As I pull to a halt and lean my bike against a tree, I’m aware that the beach is in a continual state of geologic flux. Its building creates, at this terminus, a channel for the brook. Curving away, it travels further in order to deposit sand on the leading edge of its spit. Which came first, the flanking channel or the spit? The answer is both, symbiotically.
There’s a worn place, a crease in the sand, where people will walk to the shore. Alongside is a rusty crease with its familiar oily puddle. Walk out to shore; someone has built a sand castle, with seven towers, within a semicircular wall. A trough from it leads into the water. This is the castle of human life.
Now, walking back toward the puddle, I follow the rusty crease: iridescent, oily-coated puddle, surrounded by wide veins of rusty sand and gravel: I squat to dig into the stuff with a stick. Sand underneath is beige-colored; almost white in comparison. I lift an oak leaf out of the water and scrape off some of the rust. Then stand and go rinse the stuff from my fingers in the cold pond.
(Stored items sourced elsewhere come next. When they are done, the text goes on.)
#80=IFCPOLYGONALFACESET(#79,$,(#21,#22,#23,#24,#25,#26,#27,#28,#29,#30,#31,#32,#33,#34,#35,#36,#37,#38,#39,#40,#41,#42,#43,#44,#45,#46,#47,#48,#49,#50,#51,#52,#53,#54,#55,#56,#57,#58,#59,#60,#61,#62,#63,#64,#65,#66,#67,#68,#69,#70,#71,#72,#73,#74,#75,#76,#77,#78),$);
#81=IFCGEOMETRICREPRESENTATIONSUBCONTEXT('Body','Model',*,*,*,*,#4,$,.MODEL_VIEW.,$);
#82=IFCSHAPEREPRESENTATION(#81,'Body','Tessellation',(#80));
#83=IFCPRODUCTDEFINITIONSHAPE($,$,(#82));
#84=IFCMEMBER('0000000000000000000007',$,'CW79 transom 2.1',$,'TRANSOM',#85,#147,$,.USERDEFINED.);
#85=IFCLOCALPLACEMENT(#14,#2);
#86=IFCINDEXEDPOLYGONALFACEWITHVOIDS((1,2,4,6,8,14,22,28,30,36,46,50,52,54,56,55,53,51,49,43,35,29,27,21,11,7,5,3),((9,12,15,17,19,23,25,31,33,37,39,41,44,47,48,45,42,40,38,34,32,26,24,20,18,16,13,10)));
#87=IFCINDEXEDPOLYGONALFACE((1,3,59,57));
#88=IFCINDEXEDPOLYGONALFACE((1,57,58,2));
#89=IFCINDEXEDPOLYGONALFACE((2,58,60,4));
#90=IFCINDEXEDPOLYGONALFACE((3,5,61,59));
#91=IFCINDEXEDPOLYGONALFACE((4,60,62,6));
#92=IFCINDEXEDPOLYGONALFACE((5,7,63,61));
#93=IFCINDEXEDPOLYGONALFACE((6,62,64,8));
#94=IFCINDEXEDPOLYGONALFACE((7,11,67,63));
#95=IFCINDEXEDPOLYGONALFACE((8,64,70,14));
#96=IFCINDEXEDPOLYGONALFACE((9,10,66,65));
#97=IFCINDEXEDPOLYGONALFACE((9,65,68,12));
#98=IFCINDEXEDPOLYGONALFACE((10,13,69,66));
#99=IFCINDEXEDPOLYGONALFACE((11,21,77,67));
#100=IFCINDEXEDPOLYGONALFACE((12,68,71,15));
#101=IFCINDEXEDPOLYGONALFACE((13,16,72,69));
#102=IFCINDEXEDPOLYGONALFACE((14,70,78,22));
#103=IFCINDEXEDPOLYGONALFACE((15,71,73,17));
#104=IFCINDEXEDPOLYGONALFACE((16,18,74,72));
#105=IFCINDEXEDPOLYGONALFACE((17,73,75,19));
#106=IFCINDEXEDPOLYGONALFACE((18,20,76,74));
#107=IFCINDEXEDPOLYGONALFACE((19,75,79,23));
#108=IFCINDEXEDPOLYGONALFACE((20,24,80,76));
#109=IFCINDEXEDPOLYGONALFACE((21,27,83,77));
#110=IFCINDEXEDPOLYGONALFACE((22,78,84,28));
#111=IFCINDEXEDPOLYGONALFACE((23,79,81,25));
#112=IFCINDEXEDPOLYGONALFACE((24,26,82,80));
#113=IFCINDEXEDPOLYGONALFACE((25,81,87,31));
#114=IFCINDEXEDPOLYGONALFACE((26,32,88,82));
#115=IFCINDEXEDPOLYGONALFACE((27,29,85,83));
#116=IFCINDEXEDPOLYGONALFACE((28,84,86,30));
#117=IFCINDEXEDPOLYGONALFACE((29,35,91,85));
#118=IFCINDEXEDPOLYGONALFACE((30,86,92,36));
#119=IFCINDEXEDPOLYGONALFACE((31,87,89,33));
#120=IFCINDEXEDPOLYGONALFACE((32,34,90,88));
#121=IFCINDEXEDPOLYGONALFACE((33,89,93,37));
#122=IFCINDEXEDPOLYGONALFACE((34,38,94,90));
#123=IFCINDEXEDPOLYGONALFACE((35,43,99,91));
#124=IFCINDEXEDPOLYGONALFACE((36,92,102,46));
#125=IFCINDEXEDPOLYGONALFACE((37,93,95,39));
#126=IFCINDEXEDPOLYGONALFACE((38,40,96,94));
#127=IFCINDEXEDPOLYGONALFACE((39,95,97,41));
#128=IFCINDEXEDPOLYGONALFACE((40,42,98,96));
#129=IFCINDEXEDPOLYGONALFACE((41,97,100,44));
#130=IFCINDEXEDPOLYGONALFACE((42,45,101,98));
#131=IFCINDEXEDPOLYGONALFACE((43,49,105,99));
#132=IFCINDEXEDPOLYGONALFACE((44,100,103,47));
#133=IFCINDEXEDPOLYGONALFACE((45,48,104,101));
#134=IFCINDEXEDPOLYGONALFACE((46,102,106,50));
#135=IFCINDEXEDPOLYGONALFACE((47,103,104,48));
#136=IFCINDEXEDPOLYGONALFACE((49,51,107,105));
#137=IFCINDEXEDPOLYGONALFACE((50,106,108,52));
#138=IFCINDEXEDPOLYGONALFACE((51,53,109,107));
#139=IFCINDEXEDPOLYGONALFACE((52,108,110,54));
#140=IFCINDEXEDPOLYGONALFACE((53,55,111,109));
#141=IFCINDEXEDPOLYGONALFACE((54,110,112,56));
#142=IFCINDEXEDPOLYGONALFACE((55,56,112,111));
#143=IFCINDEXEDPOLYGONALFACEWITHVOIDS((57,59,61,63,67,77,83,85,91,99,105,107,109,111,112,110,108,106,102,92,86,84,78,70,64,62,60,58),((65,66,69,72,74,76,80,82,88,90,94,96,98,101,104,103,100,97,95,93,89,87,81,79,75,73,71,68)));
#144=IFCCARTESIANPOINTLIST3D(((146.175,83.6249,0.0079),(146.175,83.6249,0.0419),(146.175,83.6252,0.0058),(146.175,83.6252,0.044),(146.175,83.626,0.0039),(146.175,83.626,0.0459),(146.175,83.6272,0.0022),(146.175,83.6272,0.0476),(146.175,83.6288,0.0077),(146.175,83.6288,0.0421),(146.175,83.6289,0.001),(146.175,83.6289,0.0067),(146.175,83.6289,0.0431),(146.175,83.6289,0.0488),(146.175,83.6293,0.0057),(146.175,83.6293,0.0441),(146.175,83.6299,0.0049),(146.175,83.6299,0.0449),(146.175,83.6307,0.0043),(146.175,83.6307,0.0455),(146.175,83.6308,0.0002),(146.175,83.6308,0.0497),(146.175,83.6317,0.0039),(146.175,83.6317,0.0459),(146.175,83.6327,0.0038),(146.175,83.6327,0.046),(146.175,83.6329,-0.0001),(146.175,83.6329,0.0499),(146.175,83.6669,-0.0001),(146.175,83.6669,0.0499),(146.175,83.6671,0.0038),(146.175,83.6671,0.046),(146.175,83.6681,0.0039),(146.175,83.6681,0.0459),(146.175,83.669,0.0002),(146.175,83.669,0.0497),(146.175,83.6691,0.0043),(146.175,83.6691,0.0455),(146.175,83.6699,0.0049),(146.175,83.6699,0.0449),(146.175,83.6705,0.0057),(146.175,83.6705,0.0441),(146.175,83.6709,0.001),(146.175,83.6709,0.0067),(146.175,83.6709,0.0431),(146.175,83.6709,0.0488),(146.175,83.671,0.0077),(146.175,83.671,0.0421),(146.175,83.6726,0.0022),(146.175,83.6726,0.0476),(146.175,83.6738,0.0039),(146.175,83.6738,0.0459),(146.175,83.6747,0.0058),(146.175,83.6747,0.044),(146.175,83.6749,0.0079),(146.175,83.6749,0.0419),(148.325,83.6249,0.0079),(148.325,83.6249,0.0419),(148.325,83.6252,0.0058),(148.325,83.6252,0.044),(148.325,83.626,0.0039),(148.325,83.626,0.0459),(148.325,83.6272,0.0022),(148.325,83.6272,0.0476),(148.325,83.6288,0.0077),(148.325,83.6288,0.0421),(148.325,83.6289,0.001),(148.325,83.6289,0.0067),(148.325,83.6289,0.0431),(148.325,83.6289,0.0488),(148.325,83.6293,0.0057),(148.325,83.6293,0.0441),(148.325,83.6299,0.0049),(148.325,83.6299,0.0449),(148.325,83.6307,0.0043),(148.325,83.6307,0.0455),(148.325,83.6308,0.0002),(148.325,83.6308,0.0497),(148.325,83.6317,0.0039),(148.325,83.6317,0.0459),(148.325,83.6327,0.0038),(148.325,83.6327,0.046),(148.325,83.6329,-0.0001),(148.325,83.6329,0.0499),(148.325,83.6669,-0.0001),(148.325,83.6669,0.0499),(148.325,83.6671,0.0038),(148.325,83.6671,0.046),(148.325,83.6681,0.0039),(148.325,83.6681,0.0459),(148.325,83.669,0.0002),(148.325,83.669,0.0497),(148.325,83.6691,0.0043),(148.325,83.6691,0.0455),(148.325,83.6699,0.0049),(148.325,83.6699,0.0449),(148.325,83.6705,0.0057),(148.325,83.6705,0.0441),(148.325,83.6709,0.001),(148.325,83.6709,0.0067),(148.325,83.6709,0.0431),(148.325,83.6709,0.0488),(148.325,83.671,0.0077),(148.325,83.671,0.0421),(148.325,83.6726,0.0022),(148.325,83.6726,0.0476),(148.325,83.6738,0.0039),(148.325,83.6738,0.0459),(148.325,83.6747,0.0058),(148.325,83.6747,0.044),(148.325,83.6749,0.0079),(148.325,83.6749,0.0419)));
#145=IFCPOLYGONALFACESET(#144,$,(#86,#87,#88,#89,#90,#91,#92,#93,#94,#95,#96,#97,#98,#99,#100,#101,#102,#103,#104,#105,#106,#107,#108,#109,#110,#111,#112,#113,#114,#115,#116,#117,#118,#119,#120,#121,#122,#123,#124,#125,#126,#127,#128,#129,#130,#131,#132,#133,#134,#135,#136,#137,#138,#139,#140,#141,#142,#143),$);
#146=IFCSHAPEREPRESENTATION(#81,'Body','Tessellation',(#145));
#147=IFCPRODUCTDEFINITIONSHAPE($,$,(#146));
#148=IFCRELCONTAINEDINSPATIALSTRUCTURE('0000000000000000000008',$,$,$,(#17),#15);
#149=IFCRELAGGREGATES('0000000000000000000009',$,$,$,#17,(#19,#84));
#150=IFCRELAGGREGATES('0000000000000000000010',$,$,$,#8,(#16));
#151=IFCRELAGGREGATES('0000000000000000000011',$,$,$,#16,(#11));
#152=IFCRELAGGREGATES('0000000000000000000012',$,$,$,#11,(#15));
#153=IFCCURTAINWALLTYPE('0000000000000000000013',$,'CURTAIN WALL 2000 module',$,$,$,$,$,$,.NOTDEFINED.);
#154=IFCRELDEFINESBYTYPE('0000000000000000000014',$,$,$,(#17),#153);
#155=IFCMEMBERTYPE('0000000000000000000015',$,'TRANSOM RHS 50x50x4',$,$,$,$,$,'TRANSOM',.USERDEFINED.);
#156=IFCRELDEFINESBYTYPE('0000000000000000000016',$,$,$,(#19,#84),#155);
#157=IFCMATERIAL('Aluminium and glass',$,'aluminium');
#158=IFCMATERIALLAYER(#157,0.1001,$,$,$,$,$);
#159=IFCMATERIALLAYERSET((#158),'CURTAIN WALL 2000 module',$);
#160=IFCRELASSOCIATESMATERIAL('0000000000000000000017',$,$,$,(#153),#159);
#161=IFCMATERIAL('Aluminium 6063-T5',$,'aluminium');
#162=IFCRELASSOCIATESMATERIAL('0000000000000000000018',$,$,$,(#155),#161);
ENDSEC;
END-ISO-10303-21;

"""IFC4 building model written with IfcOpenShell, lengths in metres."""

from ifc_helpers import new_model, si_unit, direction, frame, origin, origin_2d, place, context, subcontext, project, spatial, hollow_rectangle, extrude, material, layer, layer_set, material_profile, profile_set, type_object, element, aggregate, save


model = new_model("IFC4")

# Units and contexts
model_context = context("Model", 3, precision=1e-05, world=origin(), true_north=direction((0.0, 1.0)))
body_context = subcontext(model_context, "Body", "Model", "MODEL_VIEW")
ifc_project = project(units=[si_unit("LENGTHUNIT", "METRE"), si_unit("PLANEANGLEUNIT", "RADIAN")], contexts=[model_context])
Peddling with difficulty into the wind: my route back. The fierce cold North wind, riddling my sweater. It’s in my face; I hardly breathe and push the pedals. Small inclines seem big and to go on forever, dragging at my strength. Even the level, on that last stretch of Pond Road, is like a hill to me.
Stopping to rest at the railroad tracks I look down their length and see snow still on top of some old rounded mountains.
Unemployment Compensation
The young guys next-door have been laid off their seasonal resort jobs. They’re getting by, till the next job, on scant unemployment compensation and assorted fish. These fish come mostly from the smelt pond in the next town.
This afternoon the quiet tall fisherman brought over an eel—headless, skinned, gutted, curled back on itself—and asked if I wanted a taste. The eel had turned itself sideways when hooked. At first he thought he’d snagged a branch. It had to be dragged, fighting sideways, through water. I peered down at it lying coldly on the plate. Sans head, it was twenty two inches long and about two inches in diameter, steel-blue and lined with a series of thin ridges. Eels seem like prehistoric precursors to other species (but not enough to convince me that they have themselves actually evolved from anything in particular).